A former nun, Ms. Weber writes with courage and understanding as she limns the forces that shape her characters. Her prose, which seems to possess a natural lyricism, is made even more affecting by her choice of music as metaphor for life.

Meghan, the family matriarch, is married to Willie, a dreamer and clerk at Fouts Grocery. He is ebullient, loving; he demonstrates a largesse he can ill afford by buying a piano for their baby daughter, Kate.

At first, Meghan tries to obey the dictates of her priest by restraining herself during sex, even insisting "that their bedroom be dark during the conjugal act." But Willie's pleas win her over, and she decides that "it must be a better thing for a woman to love completely, with her body and her soul."

But, when the difficult birth of their son, Michael, leaves Meghan unable to bear more children, she believes she is being punished for her disobedience. Since there was now no possibility of conception, "God had exacted sexual abstinence for the remainder of her life." Later, while Meghan and Kate are at a religious retreat, their house burns taking the lives of Willie and Michael.
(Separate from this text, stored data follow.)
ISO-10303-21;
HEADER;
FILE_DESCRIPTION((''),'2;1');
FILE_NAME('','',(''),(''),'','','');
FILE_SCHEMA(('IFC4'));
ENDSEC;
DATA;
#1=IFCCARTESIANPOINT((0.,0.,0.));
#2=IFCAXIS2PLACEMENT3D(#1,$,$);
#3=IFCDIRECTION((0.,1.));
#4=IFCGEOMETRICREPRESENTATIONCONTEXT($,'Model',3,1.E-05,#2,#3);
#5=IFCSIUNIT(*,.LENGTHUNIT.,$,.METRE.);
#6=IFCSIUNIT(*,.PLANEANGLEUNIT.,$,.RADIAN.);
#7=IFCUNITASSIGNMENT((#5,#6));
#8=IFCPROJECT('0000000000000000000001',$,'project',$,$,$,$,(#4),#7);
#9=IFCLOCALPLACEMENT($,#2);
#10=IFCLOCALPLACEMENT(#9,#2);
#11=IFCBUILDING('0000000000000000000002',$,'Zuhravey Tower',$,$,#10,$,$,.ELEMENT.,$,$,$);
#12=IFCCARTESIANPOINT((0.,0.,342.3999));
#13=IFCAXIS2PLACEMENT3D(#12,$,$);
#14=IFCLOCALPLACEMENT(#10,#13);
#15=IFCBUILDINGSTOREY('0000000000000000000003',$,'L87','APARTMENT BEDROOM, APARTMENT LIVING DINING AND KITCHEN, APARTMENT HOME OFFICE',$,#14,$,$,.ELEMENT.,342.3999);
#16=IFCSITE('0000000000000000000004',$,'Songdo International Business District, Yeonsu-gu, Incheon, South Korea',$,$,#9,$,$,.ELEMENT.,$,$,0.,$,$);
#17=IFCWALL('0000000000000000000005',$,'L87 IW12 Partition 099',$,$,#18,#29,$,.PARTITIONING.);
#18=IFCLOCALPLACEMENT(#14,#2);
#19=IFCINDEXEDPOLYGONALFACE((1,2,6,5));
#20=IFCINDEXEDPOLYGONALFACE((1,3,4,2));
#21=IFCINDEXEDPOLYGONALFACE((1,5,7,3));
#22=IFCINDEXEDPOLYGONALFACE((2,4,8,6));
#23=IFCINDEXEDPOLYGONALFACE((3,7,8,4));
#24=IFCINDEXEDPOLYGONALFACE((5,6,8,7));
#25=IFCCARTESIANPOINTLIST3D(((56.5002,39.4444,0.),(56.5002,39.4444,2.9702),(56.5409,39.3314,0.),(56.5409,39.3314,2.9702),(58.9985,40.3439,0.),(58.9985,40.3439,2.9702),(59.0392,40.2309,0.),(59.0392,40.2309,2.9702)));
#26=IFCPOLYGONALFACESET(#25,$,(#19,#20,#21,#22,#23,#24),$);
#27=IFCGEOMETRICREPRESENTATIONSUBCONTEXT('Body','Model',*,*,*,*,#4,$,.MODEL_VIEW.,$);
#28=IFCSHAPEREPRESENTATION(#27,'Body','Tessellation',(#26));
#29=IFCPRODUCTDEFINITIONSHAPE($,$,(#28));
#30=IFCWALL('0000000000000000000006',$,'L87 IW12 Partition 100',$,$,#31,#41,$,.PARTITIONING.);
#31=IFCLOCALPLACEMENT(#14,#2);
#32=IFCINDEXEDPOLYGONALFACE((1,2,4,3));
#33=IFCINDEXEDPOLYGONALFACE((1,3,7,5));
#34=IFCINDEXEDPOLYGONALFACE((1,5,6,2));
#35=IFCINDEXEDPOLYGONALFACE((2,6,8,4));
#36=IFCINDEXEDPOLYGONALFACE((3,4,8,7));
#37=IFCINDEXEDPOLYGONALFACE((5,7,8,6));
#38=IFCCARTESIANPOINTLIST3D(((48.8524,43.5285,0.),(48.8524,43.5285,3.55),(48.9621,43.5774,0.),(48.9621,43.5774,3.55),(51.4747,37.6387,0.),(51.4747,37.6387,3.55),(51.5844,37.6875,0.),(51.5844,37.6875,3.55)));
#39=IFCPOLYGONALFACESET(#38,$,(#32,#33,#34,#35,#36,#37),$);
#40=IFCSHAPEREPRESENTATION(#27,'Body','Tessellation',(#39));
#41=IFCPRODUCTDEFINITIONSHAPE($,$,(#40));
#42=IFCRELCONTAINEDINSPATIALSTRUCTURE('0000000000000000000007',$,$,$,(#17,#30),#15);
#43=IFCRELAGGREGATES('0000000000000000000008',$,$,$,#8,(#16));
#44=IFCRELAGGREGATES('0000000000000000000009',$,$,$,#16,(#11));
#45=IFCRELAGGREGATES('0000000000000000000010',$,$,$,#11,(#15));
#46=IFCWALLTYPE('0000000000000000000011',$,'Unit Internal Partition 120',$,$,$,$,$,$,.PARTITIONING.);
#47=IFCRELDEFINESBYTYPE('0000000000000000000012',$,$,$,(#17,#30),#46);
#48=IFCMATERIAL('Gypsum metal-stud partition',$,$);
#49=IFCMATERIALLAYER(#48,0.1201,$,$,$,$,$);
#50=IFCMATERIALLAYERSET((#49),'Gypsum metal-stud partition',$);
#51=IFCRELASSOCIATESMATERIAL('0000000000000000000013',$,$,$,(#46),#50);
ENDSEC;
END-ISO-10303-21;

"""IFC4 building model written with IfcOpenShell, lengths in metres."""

from ifc_helpers import new_model, si_unit, direction, frame, frame_2d, origin, place, context, subcontext, project, spatial, rectangle, extrude, material, layer, layer_set, type_object, element, save


model = new_model("IFC4")

# Units and contexts
model_context = context("Model", 3, precision=1e-05, world=origin(), true_north=direction((0.0, 1.0)))
body_context = subcontext(model_context, "Body", "Model", "MODEL_VIEW")
ifc_project = project(units=[si_unit("LENGTHUNIT", "METRE"), si_unit("PLANEANGLEUNIT", "RADIAN")], contexts=[model_context])

# Site, building, storey
site_placement = place(None, origin())
site = spatial("IfcSite", under=ifc_project, at=site_placement, Name="Songdo International Business District, Yeonsu-gu, Incheon, South Korea", CompositionType="ELEMENT", RefElevation=0.0)
building_placement = place(site_placement, origin())
building = spatial("IfcBuilding", under=site, at=building_placement, Name="Zuhravey Tower", CompositionType="ELEMENT")
storey_placement = place(building_placement, frame((0.0, 0.0, 342.3999)))
storey = spatial("IfcBuildingStorey", under=building, at=storey_placement, Name="L87", Description="APARTMENT BEDROOM, APARTMENT LIVING DINING AND KITCHEN, APARTMENT HOME OFFICE", CompositionType="ELEMENT", Elevation=342.3999)

# Shared definitions
ifc_material_1 = material(Name="Gypsum metal-stud partition")
ifc_layer_1 = layer(ifc_material_1, 0.1201)
ifc_layer_set_1 = layer_set([ifc_layer_1], Name="Gypsum metal-stud partition")
wall_type_1 = type_object("IfcWallType", Name="Unit Internal Partition 120", PredefinedType="PARTITIONING", material=ifc_layer_set_1)

# Walls
wall_1_placement = place(storey_placement, frame((56.5205, 39.3879, 0.0), z_axis=(0.0, 0.0, 1.0), x_axis=(0.940884, 0.338729, 0.0)))
element("IfcWall", 1, at=wall_1_placement, inside=storey, type_object=wall_type_1, Name="L87 IW12 Partition 099", PredefinedType="PARTITIONING", context=body_context, shape_type="SweptSolid", body=[
    extrude(rectangle(XDim=2.6553, YDim=0.1201, at=frame_2d((1.3276, 0.0))), origin(), (0.0, 0.0, 1.0), 2.9702),
])
wall_2_placement = place(storey_placement, frame((51.5295, 37.6631, 0.0), z_axis=(0.0, 0.0, 1.0), x_axis=(-0.406732, 0.913547, 0.0)))
element("IfcWall", 2, at=wall_2_placement, inside=storey, type_object=wall_type_1, Name="L87 IW12 Partition 100", PredefinedType="PARTITIONING", context=body_context, shape_type="SweptSolid", body=[
    extrude(rectangle(XDim=6.4473, YDim=0.1201, at=frame_2d((3.2236, 0.0))), origin(), (0.0, 0.0, 1.0), 3.55),
])

save(model, "model.ifc")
Widowed, financially strapped, and doubly chastised by God, she becomes a housekeeper for the local priest.

As years pass, she keeps a concerned eye on Kate, now grown and married to Michael, another Michael, "as if the Lord played tricks; or maybe life just circled round and round, laying in your lap the very things you've loved and lost."

Kate, too, feels she has sinned and must atone for a premarital night of abandon with Michael. So, she inures herself, as she is to later say she hardens her heart, to Michael who "spent a lifetime remembering that night her passion flowered and was lost." As a child, Elise can little understand a mother who holds herself aloof, a woman who keeps her emotions securely tethered.
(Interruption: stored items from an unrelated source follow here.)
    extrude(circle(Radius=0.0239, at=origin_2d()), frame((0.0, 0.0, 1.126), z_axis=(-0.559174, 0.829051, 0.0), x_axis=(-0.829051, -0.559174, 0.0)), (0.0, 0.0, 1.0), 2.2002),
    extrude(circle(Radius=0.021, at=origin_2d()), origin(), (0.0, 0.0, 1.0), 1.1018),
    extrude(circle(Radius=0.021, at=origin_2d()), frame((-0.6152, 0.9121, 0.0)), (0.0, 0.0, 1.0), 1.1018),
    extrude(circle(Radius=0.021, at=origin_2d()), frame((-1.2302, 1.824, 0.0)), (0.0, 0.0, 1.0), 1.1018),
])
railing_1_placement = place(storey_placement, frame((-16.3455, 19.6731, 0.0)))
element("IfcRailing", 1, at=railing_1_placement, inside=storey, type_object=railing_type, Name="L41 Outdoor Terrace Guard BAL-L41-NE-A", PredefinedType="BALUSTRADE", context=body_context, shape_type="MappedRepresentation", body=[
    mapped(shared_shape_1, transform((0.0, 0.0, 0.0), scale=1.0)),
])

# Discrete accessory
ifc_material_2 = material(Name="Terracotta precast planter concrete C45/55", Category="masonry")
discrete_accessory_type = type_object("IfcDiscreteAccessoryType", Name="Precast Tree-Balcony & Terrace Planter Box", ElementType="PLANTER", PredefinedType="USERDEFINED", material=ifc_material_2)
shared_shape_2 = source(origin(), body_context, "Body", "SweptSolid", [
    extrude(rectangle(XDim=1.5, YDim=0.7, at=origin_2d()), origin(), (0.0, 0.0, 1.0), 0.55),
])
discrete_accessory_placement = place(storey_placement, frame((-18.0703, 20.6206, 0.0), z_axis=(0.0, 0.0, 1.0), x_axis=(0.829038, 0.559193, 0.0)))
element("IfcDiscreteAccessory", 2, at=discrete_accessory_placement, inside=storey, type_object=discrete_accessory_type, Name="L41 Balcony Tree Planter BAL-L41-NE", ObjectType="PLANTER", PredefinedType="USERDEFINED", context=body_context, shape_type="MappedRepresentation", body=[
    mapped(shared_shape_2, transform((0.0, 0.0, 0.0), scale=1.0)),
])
Elise, is gifted, a child prodigy who studies piano with Sister Mary at Our Lady of Peace convent. The girl finds surcease and release from a world she finds puzzling in the music that she comes to love. Nonetheless, the beliefs and fears of her grandmother and mother reach their apogee in Elise. At the age of 18 she leaves her wounded family to join the convent where "She took the fixing of the world upon herself."

Allowed only infrequent visits, Kate feels further estranged from Elise, and totally alone when Michael dies. Only with his death does she realize that she had not been rejecting him but, through all the years "it had been herself she had rejected."
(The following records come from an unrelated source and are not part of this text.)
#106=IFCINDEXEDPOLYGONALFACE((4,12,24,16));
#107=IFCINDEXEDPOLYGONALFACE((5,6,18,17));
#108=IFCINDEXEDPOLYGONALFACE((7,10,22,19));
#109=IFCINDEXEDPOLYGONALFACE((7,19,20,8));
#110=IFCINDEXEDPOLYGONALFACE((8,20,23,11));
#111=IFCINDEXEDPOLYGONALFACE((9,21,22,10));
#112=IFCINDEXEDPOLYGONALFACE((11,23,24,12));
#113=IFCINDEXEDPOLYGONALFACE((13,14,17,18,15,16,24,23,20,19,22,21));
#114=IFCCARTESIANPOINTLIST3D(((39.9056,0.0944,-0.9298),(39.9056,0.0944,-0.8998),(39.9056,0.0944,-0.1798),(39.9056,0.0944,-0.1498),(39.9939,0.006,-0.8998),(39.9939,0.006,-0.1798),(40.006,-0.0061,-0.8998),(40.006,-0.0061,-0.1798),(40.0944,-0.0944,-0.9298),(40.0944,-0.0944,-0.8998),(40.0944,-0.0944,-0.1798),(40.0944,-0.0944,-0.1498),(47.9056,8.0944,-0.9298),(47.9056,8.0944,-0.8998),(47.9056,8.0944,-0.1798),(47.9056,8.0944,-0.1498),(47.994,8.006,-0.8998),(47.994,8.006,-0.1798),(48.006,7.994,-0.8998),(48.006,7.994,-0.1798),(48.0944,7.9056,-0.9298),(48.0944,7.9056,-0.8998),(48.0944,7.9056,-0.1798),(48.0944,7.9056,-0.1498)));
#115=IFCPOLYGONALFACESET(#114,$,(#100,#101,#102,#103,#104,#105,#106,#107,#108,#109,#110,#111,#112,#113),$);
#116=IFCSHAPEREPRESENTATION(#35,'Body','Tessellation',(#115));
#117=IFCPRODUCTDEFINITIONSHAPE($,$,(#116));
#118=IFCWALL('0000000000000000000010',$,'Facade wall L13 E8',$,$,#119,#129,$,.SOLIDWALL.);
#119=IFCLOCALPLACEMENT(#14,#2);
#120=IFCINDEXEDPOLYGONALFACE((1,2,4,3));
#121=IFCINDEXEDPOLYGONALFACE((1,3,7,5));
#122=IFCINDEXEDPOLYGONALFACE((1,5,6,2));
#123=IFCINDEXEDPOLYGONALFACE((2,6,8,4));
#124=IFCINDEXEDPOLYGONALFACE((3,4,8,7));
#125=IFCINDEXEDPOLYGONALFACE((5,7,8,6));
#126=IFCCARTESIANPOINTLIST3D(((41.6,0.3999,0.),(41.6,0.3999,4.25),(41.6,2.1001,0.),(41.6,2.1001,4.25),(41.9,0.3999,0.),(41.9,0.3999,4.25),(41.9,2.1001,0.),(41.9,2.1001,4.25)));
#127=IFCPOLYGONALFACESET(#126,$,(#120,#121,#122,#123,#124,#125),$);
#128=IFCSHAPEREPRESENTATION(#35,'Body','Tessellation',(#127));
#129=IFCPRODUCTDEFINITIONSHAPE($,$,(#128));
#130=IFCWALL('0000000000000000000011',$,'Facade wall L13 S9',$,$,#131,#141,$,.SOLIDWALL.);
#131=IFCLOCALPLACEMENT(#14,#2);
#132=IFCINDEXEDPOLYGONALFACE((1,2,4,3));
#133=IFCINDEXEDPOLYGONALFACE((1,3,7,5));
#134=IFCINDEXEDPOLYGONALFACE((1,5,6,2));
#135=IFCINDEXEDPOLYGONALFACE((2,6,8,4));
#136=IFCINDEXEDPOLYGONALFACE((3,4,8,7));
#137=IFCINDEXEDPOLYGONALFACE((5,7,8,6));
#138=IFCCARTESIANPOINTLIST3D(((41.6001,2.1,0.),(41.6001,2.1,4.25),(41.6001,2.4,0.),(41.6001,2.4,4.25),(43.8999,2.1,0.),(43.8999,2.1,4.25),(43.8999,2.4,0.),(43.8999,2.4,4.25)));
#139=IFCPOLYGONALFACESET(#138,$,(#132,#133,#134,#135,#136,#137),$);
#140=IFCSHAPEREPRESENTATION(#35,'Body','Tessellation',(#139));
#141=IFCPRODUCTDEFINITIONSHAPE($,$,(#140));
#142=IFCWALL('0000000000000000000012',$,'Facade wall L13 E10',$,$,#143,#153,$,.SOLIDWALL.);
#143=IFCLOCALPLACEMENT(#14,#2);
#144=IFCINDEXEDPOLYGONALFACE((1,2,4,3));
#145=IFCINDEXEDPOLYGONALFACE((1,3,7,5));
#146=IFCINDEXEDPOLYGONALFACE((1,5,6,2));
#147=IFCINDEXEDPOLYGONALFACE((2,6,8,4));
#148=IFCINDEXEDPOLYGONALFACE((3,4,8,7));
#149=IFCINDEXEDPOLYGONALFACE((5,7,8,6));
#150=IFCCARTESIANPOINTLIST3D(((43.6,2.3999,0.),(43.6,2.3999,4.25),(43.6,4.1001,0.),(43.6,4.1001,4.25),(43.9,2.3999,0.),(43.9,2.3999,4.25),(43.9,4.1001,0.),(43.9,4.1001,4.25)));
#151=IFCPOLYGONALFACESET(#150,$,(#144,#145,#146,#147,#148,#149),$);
Convent life is not what Elise had expected. She is deprived of her music, what had once been called a God-given talent, told to relinquish the friendship of another novice, Suzanne, and directed to sacrifice each thought and deed; in other words, lose every vestige of herself. In addition, she is nearly pulled into a lesbian relationship with an older nun. When Suzanne takes her own life, Elise questions what she has been taught and the tenets of her faith.

Elise's spiritual journey is an arduous one, related with skill and compassion by Ms. Weber. Although the narrative does tend to bog down in the ruminations of Elise, Altar Music allows us to share her struggle. And, it is in the sharing that we may be moved to reassess the core of our own beliefs.